An Interview With Jason Hartman

Jason Hartman

Jason Hartman

Published in

Authority Magazine

Asa part of my series about the ‘5 Things You Need To Know To Create A Successful Career Buying, Rehabbing, and Selling Properties’, I had the pleasure of interviewing Michael Salafia.

Michael Salafia is the managing partner of Stax Equity, a next-generation private equity firm focusing on value-add single tenant net lease retail assets. Michael also serves as Director of Real Estate for SQRL Holdings, a multi-dimensional development program revolutionizing the convenience store industry through laser-precision-tactical service models. Prior, Michael was an award-winning member of Marcus & Millichap’s National Retail Group and National Net Leased Properties Group and spent nearly eleven years as the lead digital strategy advisor to an agency portfolio of Fortune 500 companies and national brands. While at CRE powerhouse Marcus & Millichap, Michael quickly became a top agent, connecting CRE investors with investment-grade NNN properties in high-growth metros leased to the strongest names in retail. Michael is a licensed real estate broker and holds an MBA from Northeastern University, with undergrad studies in Finance at NEU and Babson College, and post-grad workshops at Sloan MIT.

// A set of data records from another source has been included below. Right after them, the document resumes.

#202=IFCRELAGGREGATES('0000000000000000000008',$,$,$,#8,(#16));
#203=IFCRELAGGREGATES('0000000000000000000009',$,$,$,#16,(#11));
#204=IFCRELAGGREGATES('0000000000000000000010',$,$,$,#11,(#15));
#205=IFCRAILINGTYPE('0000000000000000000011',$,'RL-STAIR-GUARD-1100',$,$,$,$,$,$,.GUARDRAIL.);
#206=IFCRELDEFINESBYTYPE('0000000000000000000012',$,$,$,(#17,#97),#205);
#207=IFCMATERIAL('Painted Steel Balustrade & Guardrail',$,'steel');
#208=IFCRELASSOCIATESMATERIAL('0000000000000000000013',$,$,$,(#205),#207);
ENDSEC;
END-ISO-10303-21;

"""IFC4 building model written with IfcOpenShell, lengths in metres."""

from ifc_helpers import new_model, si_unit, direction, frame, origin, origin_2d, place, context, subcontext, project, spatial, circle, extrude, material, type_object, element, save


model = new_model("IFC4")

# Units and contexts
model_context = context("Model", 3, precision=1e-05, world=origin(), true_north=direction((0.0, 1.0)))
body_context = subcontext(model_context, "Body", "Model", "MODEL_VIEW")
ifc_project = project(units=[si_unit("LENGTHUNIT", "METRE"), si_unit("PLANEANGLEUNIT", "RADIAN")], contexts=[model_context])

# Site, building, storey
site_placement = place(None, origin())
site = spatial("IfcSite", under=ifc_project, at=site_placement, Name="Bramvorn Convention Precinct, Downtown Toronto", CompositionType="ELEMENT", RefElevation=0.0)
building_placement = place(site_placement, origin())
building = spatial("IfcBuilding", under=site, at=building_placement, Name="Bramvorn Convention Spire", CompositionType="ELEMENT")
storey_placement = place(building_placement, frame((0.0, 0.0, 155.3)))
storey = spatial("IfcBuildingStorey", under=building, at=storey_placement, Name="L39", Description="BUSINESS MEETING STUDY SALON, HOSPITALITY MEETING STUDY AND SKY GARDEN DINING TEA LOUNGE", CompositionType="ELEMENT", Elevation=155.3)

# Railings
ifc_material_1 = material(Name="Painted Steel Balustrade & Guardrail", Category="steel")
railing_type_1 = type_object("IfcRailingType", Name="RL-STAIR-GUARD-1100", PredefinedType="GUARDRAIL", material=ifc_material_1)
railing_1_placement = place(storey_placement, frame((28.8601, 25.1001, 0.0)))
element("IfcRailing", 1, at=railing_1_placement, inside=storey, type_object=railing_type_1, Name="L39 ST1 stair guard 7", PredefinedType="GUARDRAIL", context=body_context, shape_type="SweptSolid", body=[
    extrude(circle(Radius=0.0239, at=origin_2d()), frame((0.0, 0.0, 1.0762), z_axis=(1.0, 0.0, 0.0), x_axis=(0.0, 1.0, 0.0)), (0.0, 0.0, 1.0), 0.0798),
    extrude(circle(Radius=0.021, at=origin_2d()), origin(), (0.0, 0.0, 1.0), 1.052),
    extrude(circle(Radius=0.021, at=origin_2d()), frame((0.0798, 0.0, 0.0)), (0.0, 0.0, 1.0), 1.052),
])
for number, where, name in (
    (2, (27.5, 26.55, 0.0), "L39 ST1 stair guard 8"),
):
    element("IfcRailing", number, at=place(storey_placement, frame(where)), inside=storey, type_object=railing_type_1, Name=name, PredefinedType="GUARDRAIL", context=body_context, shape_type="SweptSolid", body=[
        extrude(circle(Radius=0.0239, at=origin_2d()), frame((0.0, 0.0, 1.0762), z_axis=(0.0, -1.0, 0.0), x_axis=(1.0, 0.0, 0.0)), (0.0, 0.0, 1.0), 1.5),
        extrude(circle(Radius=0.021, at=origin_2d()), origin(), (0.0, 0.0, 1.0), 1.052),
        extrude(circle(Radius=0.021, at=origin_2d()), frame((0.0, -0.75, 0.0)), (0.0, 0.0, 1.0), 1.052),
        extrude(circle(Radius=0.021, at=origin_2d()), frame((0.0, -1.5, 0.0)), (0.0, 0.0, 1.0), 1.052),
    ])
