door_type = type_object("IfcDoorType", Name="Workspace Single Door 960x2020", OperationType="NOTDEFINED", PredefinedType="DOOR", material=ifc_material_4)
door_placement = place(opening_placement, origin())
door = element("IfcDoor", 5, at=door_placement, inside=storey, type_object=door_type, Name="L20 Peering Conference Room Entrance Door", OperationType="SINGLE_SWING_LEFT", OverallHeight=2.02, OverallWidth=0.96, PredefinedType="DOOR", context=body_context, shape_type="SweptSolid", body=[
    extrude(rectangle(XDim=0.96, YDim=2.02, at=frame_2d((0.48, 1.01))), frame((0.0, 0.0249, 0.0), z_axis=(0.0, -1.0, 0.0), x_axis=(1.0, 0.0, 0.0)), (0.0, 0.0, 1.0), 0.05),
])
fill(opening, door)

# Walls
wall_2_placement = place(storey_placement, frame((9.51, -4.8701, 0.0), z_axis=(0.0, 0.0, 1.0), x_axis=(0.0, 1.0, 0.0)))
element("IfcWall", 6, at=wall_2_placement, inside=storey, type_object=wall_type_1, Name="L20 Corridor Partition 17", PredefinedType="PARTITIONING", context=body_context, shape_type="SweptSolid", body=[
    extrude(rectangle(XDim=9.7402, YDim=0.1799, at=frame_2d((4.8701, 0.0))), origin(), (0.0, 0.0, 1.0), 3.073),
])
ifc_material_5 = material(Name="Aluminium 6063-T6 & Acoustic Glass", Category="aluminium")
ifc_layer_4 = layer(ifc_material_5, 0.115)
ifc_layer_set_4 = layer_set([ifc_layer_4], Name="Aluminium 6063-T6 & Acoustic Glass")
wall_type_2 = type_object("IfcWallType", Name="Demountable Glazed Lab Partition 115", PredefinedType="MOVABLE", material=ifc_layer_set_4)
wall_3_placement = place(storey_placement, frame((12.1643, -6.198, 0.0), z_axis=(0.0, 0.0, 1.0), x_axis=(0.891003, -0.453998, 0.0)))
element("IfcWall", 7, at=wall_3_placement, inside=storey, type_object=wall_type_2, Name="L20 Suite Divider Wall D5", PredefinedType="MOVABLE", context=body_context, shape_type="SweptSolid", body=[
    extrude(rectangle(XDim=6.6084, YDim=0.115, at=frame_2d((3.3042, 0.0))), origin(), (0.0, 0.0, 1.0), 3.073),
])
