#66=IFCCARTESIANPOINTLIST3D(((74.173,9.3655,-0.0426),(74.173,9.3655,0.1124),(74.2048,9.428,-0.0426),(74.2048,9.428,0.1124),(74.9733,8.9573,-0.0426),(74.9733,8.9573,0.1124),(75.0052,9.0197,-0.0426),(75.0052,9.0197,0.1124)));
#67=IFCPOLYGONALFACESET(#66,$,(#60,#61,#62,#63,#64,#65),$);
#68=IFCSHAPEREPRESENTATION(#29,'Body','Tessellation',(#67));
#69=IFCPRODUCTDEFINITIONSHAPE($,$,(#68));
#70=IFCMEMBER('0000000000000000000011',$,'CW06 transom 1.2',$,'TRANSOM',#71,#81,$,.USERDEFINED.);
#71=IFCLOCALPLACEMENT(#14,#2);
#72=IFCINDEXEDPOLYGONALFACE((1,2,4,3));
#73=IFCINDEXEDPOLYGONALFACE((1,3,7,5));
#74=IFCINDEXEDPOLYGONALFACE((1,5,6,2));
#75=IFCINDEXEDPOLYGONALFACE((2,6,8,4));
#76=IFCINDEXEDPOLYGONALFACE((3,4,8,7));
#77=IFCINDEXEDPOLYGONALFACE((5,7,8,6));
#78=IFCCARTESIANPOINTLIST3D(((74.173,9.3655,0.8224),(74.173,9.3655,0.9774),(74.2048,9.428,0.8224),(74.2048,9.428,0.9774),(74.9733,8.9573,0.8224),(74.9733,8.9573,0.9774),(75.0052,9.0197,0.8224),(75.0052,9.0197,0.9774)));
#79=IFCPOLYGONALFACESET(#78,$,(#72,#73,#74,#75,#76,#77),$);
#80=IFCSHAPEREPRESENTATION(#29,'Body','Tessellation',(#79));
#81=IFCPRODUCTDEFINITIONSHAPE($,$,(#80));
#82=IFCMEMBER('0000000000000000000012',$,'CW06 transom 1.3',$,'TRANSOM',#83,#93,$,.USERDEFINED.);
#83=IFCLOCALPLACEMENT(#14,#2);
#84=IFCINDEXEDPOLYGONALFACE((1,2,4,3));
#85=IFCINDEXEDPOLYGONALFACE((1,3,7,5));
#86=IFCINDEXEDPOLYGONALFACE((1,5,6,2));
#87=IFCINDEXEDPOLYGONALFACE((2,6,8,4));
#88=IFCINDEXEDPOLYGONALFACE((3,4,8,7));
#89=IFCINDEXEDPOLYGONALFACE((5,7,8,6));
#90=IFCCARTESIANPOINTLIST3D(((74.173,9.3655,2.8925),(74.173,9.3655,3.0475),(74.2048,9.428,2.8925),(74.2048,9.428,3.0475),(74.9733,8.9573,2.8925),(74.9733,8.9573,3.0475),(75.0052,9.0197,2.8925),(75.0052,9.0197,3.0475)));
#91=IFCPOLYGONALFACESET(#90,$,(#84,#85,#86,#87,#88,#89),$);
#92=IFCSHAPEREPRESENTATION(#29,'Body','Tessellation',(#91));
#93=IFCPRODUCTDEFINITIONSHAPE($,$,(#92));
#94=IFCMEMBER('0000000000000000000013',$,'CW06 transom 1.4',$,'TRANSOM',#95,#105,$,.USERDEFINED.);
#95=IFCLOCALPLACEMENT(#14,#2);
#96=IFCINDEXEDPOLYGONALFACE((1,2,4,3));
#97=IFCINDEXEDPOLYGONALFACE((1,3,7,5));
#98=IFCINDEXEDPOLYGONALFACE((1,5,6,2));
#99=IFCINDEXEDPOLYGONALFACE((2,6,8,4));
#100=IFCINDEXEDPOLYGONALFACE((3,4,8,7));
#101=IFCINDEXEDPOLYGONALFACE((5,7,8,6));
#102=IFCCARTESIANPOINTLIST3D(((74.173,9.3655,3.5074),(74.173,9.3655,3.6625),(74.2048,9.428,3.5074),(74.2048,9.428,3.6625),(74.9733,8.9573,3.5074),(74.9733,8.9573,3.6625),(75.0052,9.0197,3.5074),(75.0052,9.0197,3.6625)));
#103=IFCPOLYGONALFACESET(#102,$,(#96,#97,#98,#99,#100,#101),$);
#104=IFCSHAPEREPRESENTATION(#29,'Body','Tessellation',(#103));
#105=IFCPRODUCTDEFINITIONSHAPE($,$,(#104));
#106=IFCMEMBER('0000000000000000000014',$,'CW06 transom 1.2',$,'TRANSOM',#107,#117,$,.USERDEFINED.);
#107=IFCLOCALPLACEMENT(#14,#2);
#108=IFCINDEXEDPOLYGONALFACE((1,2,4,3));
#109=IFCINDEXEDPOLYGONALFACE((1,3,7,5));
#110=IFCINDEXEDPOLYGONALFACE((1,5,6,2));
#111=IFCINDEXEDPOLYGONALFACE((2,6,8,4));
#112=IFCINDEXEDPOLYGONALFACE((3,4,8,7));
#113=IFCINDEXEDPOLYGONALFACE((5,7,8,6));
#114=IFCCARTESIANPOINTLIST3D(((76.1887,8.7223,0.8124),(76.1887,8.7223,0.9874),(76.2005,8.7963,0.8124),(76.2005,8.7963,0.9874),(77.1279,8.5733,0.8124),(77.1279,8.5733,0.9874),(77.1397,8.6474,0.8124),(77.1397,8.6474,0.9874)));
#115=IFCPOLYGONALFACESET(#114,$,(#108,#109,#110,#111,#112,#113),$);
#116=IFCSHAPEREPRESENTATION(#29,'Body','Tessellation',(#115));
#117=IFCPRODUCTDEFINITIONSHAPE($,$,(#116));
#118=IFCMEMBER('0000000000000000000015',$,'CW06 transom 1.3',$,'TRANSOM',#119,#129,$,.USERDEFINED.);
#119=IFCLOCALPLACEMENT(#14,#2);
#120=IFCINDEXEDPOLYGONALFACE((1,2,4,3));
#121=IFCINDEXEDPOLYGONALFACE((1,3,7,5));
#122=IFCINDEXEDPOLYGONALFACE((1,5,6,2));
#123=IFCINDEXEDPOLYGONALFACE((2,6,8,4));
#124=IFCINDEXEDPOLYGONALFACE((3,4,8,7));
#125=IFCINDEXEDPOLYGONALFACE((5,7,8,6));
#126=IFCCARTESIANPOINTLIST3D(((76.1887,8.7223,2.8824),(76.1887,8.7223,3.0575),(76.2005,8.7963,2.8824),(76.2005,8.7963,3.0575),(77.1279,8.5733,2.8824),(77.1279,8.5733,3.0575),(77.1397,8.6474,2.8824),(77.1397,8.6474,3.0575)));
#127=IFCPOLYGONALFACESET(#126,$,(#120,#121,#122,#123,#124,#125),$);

Thank you so much for doing this with us! Can you tell us the “backstory” about what brought you to the Commercial Real Estate industry?

Inone way, I was born into the commercial real estate industry. My family has owned and operated commercial real estate for over 100 years. When I was growing up, my parents and I actually lived above one of the retail stores that we owned. When I graduated college, it was in the midst of a financial crisis and complete collapse of the commercial real estate market so I decided to focus on technology. Through working as a consultant in the beginning of my career, I ended up working for some large commercial real estate developers, Real Estate Investment Trusts (REITs), and Moody’s Analytics CRE, a commercial real estate analytics platform. I had the opportunity to support CEOs in multibillion dollar development funds and work directly with the chief economist at Moody’s Analytics CRE, which led me to where I am today.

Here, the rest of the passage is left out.